Тетушка Талита сидела во главе стола, Роланд – по правую
руку от нее. Он наклонился и что-то прошептал ей на ухо. Старуха выслушала
(улыбка ее чуть поблекла) и кивнула.
– Сай, Билл и Тилл, – сказала она. – Вы трое останьтесь. Нам
со стрелком и его друзьями надобно потолковать – по той причине, что они думают
пуститься в путь нынче же ввечеру. Остальные, чтоб не гомонить тут попусту,
будут кофейничать на кухне. Да не забудьте попрощаться, как подобает учтивым
людям!
Билл и Тилл, близнецы-альбиносы, остались сидеть на дальнем
конце стола. Остальные выстроились гуськом и медленно двинулись мимо путников.
Каждый пожимал руку Эдди и Сюзанне, а затем чмокал Джейка в щеку. Мальчик
принимал это достойно, но Эдди видел, что он удивлен и смущен.

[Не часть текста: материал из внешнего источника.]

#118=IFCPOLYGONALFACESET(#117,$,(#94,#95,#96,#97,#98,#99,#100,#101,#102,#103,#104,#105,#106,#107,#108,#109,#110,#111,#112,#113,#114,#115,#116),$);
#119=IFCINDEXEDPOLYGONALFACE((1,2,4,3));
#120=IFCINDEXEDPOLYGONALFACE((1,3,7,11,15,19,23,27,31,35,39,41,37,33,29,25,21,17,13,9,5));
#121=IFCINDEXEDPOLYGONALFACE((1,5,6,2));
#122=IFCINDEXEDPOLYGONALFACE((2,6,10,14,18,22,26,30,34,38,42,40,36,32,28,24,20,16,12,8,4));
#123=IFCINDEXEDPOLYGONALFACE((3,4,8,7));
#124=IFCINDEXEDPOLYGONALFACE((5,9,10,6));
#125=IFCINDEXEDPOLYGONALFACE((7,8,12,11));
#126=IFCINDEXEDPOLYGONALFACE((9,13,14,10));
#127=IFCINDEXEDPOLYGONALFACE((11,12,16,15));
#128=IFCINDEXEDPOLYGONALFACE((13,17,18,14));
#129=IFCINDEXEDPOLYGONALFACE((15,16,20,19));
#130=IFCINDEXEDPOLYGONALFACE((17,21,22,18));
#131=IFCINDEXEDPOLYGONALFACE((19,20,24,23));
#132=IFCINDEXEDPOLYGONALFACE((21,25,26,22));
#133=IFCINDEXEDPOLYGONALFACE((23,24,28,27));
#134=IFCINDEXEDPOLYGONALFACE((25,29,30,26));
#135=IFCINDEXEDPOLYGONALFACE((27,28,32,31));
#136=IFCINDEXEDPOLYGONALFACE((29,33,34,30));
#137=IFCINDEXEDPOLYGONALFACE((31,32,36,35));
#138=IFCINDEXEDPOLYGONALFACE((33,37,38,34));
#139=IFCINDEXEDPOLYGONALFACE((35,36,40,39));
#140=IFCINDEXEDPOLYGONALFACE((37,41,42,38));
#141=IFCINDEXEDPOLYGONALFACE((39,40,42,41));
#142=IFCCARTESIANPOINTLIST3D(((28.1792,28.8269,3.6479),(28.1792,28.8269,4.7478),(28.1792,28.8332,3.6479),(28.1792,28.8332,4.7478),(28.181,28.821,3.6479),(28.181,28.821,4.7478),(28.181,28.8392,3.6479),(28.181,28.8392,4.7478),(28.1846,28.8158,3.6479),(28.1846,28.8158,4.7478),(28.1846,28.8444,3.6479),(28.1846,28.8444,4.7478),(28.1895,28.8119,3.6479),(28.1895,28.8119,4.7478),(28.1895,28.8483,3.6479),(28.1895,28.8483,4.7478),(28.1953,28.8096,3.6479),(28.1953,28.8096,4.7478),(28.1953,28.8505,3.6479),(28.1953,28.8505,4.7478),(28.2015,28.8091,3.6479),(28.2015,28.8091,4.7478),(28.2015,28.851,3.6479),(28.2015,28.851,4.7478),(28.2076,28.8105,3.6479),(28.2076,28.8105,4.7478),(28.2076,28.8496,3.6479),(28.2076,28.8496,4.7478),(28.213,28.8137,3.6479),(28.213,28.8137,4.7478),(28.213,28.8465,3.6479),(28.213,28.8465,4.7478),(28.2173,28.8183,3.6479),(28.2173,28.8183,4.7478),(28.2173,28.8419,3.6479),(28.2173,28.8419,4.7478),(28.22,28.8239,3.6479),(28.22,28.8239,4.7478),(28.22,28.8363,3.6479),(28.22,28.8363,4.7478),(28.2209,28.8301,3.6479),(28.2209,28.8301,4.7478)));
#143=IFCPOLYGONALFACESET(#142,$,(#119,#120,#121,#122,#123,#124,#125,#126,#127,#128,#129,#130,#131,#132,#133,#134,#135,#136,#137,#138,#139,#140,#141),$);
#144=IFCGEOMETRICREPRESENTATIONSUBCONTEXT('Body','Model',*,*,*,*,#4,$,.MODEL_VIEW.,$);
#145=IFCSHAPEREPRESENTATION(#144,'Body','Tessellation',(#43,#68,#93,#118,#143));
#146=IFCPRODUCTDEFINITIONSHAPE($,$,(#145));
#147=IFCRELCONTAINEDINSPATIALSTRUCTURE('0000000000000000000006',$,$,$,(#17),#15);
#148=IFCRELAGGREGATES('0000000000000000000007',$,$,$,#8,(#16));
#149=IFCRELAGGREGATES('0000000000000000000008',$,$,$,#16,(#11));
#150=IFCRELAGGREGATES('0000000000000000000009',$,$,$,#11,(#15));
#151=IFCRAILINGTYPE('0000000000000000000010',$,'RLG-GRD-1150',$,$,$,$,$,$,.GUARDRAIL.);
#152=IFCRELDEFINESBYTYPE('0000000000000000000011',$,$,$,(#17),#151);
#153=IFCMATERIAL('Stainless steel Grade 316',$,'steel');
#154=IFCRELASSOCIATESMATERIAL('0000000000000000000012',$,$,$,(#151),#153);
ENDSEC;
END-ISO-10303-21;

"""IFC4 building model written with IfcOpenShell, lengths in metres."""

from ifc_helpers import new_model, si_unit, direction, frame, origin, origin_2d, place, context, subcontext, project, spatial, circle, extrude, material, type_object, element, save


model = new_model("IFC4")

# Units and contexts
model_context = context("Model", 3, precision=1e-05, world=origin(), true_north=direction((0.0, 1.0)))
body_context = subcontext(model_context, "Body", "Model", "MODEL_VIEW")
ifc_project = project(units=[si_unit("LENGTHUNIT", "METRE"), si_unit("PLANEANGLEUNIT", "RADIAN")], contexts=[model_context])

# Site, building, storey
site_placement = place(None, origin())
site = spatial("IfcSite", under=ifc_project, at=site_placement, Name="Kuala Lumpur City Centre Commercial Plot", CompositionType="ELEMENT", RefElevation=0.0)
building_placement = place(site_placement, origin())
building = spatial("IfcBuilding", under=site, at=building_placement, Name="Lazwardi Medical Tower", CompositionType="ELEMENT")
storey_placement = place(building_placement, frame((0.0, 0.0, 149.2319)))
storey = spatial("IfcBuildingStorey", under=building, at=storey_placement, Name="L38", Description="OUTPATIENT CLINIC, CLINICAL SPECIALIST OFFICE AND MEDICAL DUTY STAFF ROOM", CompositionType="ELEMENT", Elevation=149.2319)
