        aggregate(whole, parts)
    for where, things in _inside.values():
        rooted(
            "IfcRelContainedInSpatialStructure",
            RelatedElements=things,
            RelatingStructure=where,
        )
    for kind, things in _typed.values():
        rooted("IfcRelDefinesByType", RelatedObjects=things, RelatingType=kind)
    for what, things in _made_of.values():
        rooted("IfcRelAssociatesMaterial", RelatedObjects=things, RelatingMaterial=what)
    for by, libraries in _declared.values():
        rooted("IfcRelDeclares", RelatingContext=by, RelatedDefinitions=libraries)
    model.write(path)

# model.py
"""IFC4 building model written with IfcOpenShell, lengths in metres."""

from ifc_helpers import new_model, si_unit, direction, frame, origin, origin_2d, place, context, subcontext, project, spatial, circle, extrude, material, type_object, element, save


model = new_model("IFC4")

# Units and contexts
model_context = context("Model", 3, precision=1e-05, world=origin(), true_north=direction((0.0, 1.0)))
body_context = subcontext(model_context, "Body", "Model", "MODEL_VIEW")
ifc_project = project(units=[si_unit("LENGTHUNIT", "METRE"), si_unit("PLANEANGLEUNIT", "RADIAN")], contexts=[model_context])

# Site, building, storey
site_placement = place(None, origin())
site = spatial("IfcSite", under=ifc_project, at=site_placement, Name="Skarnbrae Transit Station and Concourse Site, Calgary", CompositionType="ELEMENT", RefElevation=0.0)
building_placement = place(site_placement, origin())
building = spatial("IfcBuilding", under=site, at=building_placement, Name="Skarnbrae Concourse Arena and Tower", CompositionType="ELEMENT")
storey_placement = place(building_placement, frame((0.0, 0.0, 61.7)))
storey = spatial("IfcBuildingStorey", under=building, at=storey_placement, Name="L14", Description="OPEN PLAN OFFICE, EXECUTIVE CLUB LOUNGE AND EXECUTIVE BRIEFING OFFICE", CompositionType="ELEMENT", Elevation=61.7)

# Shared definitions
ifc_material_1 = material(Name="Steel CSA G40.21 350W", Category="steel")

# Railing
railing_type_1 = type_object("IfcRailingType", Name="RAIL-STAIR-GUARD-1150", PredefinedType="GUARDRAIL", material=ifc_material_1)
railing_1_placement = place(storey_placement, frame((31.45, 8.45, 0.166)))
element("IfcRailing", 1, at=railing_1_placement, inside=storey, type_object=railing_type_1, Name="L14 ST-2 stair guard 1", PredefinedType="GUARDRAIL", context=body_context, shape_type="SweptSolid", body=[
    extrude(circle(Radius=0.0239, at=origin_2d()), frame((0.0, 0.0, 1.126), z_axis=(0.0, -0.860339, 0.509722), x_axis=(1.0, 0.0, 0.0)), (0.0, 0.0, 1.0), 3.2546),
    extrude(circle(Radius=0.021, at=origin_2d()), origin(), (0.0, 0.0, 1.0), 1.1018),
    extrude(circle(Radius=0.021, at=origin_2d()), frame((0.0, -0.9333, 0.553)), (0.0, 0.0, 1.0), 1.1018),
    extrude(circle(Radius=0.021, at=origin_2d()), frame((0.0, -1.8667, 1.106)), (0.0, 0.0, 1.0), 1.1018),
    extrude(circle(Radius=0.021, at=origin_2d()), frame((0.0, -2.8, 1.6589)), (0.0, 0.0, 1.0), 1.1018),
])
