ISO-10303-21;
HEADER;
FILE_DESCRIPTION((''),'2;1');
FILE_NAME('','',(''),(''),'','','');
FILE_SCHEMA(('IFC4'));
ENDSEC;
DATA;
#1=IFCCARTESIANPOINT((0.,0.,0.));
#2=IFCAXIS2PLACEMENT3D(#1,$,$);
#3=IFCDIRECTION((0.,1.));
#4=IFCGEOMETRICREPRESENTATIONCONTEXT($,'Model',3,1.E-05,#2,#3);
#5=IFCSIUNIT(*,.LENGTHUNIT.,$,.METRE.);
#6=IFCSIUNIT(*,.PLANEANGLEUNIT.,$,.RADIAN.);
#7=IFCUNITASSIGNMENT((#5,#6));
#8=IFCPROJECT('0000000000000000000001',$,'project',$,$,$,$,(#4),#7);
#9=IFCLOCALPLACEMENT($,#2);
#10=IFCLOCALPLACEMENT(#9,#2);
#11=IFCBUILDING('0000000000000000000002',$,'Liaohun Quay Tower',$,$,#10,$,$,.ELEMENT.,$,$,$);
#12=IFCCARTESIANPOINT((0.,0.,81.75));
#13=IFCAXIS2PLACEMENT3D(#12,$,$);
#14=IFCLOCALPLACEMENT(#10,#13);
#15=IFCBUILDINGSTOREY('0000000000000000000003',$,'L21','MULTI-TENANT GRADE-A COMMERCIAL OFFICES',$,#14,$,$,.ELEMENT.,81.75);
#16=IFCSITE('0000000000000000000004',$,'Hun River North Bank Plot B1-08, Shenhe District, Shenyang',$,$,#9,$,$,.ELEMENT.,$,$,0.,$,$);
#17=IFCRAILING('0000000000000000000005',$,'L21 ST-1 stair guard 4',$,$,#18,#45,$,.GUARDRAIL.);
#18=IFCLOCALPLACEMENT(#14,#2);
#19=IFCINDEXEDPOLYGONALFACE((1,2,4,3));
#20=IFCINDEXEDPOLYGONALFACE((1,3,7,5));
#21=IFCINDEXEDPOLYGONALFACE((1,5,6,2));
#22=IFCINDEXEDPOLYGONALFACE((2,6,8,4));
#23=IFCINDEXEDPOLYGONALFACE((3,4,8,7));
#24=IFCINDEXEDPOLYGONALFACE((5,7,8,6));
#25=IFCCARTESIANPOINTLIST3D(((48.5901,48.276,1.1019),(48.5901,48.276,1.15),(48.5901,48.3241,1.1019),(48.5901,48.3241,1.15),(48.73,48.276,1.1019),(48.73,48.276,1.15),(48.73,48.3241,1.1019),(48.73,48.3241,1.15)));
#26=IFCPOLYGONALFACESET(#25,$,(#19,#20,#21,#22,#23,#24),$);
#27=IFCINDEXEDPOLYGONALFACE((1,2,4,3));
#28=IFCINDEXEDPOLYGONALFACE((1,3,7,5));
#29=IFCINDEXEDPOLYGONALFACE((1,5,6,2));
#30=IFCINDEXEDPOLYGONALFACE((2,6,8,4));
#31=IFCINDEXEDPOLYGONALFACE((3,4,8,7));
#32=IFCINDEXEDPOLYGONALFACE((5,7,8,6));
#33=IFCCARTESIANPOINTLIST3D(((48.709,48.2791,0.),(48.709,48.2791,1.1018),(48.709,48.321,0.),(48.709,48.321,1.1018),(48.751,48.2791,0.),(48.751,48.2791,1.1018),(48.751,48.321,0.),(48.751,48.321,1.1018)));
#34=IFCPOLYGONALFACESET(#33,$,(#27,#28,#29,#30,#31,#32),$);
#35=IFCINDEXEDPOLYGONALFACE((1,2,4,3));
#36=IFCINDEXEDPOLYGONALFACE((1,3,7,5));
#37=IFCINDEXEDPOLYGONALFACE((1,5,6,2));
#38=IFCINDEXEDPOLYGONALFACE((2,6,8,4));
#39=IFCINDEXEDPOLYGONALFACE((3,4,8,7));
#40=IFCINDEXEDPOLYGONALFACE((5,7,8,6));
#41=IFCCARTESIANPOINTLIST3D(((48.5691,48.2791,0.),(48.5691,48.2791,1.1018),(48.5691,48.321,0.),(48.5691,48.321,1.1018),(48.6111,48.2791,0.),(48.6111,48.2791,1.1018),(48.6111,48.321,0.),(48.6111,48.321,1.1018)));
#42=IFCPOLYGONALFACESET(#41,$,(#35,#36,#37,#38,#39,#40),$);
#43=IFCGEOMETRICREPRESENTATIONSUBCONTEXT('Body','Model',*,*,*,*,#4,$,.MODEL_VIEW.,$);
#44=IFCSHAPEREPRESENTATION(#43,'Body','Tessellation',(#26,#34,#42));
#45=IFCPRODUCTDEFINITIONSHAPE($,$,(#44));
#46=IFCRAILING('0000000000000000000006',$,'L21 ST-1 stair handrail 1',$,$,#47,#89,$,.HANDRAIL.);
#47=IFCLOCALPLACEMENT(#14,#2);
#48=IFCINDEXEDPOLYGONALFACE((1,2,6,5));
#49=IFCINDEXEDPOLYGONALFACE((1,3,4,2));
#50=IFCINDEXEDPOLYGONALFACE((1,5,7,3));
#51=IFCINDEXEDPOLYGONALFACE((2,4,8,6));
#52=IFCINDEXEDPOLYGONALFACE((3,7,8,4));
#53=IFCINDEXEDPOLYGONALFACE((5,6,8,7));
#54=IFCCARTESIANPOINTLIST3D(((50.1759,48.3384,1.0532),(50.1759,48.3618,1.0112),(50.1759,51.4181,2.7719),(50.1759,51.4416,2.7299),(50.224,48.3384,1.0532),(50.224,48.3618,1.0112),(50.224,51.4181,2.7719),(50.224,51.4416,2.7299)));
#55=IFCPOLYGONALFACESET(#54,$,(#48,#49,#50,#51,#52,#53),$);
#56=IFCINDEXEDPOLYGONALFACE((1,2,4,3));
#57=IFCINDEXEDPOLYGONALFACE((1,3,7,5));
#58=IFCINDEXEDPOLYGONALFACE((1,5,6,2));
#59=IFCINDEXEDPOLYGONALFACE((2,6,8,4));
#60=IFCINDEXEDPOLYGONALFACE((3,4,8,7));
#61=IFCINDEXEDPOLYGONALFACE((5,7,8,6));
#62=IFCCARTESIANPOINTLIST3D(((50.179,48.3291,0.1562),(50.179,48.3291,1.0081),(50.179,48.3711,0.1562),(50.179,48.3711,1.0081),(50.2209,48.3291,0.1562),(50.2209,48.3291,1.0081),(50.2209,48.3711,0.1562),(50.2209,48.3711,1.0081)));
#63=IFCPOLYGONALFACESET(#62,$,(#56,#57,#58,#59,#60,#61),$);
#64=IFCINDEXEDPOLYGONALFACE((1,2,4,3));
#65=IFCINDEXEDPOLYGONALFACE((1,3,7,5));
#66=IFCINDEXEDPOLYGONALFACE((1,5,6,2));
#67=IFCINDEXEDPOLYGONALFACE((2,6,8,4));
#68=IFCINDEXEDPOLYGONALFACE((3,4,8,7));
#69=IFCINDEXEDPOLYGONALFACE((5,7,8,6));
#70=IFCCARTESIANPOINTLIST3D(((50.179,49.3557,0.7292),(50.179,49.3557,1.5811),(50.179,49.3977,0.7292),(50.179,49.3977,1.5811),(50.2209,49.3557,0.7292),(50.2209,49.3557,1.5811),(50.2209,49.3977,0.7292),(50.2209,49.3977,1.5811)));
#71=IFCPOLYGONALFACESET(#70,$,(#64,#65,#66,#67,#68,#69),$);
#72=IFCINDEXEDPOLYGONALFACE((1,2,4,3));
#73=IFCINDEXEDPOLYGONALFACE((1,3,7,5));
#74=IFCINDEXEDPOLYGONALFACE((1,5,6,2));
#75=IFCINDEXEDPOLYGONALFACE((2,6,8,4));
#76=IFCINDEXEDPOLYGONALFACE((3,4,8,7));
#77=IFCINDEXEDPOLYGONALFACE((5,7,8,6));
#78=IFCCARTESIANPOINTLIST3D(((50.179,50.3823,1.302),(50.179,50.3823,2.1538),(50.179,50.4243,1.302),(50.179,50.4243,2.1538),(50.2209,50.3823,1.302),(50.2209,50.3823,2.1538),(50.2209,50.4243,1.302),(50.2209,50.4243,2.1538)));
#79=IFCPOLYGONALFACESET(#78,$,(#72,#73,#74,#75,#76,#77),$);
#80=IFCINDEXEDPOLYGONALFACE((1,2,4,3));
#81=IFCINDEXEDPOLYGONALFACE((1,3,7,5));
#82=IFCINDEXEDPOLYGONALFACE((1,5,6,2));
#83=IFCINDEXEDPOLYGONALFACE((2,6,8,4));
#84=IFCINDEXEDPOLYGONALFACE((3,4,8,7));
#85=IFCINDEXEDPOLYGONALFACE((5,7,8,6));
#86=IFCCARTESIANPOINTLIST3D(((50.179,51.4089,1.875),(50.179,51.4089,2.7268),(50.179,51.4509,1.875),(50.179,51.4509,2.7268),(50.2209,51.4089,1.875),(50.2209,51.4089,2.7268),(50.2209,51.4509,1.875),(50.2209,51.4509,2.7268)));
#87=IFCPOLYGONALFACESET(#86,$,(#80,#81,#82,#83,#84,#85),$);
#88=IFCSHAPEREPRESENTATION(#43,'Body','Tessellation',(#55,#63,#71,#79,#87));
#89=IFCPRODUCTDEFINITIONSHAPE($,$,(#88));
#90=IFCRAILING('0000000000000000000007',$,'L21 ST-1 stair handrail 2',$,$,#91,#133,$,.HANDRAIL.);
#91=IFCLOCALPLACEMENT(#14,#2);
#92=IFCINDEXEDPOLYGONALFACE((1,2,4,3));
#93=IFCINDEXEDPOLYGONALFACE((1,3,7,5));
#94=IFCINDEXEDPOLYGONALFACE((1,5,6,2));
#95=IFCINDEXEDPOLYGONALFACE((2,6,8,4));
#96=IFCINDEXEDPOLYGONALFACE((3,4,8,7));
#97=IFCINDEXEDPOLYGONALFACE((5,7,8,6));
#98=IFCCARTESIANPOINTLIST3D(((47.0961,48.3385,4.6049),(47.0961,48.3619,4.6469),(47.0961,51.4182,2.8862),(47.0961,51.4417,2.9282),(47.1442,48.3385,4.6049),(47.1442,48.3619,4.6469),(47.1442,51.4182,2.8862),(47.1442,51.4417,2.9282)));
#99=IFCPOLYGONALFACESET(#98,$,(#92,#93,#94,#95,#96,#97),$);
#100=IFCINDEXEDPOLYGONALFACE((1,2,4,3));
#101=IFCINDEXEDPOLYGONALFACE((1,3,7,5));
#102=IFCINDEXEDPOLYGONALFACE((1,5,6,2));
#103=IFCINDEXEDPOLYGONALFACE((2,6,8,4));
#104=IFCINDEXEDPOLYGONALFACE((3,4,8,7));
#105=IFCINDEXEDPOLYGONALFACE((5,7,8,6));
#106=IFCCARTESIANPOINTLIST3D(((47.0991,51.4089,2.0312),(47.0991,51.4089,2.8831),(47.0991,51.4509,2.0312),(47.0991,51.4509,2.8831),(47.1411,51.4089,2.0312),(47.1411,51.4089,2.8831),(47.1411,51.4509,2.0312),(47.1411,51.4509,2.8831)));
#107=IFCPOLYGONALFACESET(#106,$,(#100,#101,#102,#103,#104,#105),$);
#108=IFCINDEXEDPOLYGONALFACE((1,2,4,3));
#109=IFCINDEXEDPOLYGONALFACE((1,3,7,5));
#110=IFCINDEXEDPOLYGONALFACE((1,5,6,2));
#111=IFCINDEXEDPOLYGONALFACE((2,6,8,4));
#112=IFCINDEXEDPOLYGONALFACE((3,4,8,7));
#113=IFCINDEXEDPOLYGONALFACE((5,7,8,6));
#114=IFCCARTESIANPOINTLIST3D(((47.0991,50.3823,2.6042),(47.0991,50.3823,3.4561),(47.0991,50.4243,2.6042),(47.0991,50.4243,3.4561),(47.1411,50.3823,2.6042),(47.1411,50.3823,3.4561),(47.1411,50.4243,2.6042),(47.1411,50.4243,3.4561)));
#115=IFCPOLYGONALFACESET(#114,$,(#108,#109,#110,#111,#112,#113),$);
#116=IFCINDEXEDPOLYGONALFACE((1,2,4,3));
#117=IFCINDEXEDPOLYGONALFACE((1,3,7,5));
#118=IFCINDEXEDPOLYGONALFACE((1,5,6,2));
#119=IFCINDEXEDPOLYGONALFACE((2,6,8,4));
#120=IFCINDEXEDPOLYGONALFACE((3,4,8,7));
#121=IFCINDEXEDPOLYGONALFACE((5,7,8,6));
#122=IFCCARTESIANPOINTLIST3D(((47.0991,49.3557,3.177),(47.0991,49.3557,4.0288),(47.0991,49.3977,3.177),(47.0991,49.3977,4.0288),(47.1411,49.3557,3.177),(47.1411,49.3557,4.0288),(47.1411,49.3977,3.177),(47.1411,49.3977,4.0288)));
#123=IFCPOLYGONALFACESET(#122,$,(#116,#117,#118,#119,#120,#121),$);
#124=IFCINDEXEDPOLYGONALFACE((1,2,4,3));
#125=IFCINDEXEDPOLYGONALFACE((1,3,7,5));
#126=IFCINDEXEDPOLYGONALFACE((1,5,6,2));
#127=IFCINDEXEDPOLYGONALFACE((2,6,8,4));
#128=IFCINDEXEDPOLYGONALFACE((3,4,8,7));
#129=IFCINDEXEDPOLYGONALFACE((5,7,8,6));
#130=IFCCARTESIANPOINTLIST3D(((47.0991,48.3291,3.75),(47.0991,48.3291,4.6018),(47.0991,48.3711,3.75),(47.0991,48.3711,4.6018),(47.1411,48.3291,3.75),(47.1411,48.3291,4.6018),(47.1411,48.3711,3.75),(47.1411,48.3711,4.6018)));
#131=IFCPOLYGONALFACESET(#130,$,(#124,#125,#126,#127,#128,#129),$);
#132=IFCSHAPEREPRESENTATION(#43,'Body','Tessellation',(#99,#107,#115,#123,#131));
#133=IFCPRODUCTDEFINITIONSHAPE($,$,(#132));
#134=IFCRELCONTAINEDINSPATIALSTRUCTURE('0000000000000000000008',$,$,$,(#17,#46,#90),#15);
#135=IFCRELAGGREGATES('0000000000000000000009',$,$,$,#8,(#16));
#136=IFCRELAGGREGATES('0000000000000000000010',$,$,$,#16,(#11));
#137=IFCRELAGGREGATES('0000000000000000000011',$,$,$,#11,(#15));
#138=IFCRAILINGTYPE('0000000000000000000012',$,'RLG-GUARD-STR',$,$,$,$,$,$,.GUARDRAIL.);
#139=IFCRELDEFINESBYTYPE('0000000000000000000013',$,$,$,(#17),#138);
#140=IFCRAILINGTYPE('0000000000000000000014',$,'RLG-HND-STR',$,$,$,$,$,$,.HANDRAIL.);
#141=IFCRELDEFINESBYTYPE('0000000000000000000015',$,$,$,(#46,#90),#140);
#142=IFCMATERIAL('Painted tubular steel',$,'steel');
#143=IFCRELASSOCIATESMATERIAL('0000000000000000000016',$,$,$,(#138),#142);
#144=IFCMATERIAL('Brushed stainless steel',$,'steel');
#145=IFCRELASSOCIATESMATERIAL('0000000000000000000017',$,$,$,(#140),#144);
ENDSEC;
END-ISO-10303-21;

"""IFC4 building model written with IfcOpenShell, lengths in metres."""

from ifc_helpers import new_model, si_unit, direction, frame, origin, origin_2d, place, context, subcontext, project, spatial, rectangle, extrude, material, type_object, element, save


model = new_model("IFC4")

# Units and contexts
model_context = context("Model", 3, precision=1e-05, world=origin(), true_north=direction((0.0, 1.0)))
body_context = subcontext(model_context, "Body", "Model", "MODEL_VIEW")
ifc_project = project(units=[si_unit("LENGTHUNIT", "METRE"), si_unit("PLANEANGLEUNIT", "RADIAN")], contexts=[model_context])

# Site, building, storey
site_placement = place(None, origin())
site = spatial("IfcSite", under=ifc_project, at=site_placement, Name="Hun River North Bank Plot B1-08, Shenhe District, Shenyang", CompositionType="ELEMENT", RefElevation=0.0)
building_placement = place(site_placement, origin())
building = spatial("IfcBuilding", under=site, at=building_placement, Name="Liaohun Quay Tower", CompositionType="ELEMENT")
storey_placement = place(building_placement, frame((0.0, 0.0, 81.75)))
storey = spatial("IfcBuildingStorey", under=building, at=storey_placement, Name="L21", Description="MULTI-TENANT GRADE-A COMMERCIAL OFFICES", CompositionType="ELEMENT", Elevation=81.75)

# Railings
ifc_material_1 = material(Name="Painted tubular steel", Category="steel")
railing_type_1 = type_object("IfcRailingType", Name="RLG-GUARD-STR", PredefinedType="GUARDRAIL", material=ifc_material_1)
railing_1_placement = place(storey_placement, frame((48.73, 48.3, 0.0)))
element("IfcRailing", 1, at=railing_1_placement, inside=storey, type_object=railing_type_1, Name="L21 ST-1 stair guard 4", PredefinedType="GUARDRAIL", context=body_context, shape_type="SweptSolid", body=[
    extrude(rectangle(XDim=0.0481, YDim=0.0481, at=origin_2d()), frame((0.0, 0.0, 1.126), z_axis=(-1.0, 0.0, 0.0), x_axis=(0.0, -1.0, 0.0)), (0.0, 0.0, 1.0), 0.1399),
    extrude(rectangle(XDim=0.042, YDim=0.042, at=origin_2d()), origin(), (0.0, 0.0, 1.0), 1.1018),
    extrude(rectangle(XDim=0.042, YDim=0.042, at=origin_2d()), frame((-0.1399, 0.0, 0.0)), (0.0, 0.0, 1.0), 1.1018),
])
ifc_material_2 = material(Name="Brushed stainless steel", Category="steel")
railing_type_2 = type_object("IfcRailingType", Name="RLG-HND-STR", PredefinedType="HANDRAIL", material=ifc_material_2)
railing_2_placement = place(storey_placement, frame((50.2, 48.3501, 0.1562)))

Подле Роланда старики опускались на колени и прикасались к
сандаловой рукояти револьвера, торчавшей из кобуры на левом бедре стрелка.
Роланд клал им руки на плечи и целовал в морщинистые лбы. Последней шла Мерси;
она обвила талию Роланда обеими руками и звонко чмокнула его в щеку.
– Благословен будь, стрелок! Да хранят тебя боги! Кабы я
только могла тебя увидеть!
– Не забывайся, Мерси! Веди себя прилично! – резко вмешалась
тетушка Талита, но Роланд, не обращая на нее внимания, склонился к слепой.
Он ласково, но решительно взял ее руки в свои и поднес к
своему лицу.
– Посмотри на меня ими, красавица, – сказал он и закрыл
глаза, когда сморщенные, изуродованные артритом пальцы слепой принялись
осторожно ощупывать его лоб, щеки, губы и подбородок.
– Да, стрелок! – выдохнула она, поднимая незрячие глазницы
навстречу блекло-голубым глазам Роланда. – Я очень хорошо вижу тебя! Славное
лицо, однако ж полное печали и заботы. Мне страшно за тебя и за твоих.
– И все же встреча вышла радостная, разве не так? – спросил
он в ответ и запечатлел на гладкой, истончившейся от старости коже лба Мерси
нежный поцелуй.
– Так, так. Истинная правда. Спасибо за поцелуй, стрелок.
Сердечное спасибо.
– Ступай, Мерси, – велела тетушка Талита, но без прежней
суровости. – Ступай пить кофей.
Мерси поднялась с колен. Одноногий старик с костылем взял ее
руку и положил на пояс своих штанов. Мерси ухватилась и, помахав на прощание
Роланду и его товарищам, позволила хромому увести ее.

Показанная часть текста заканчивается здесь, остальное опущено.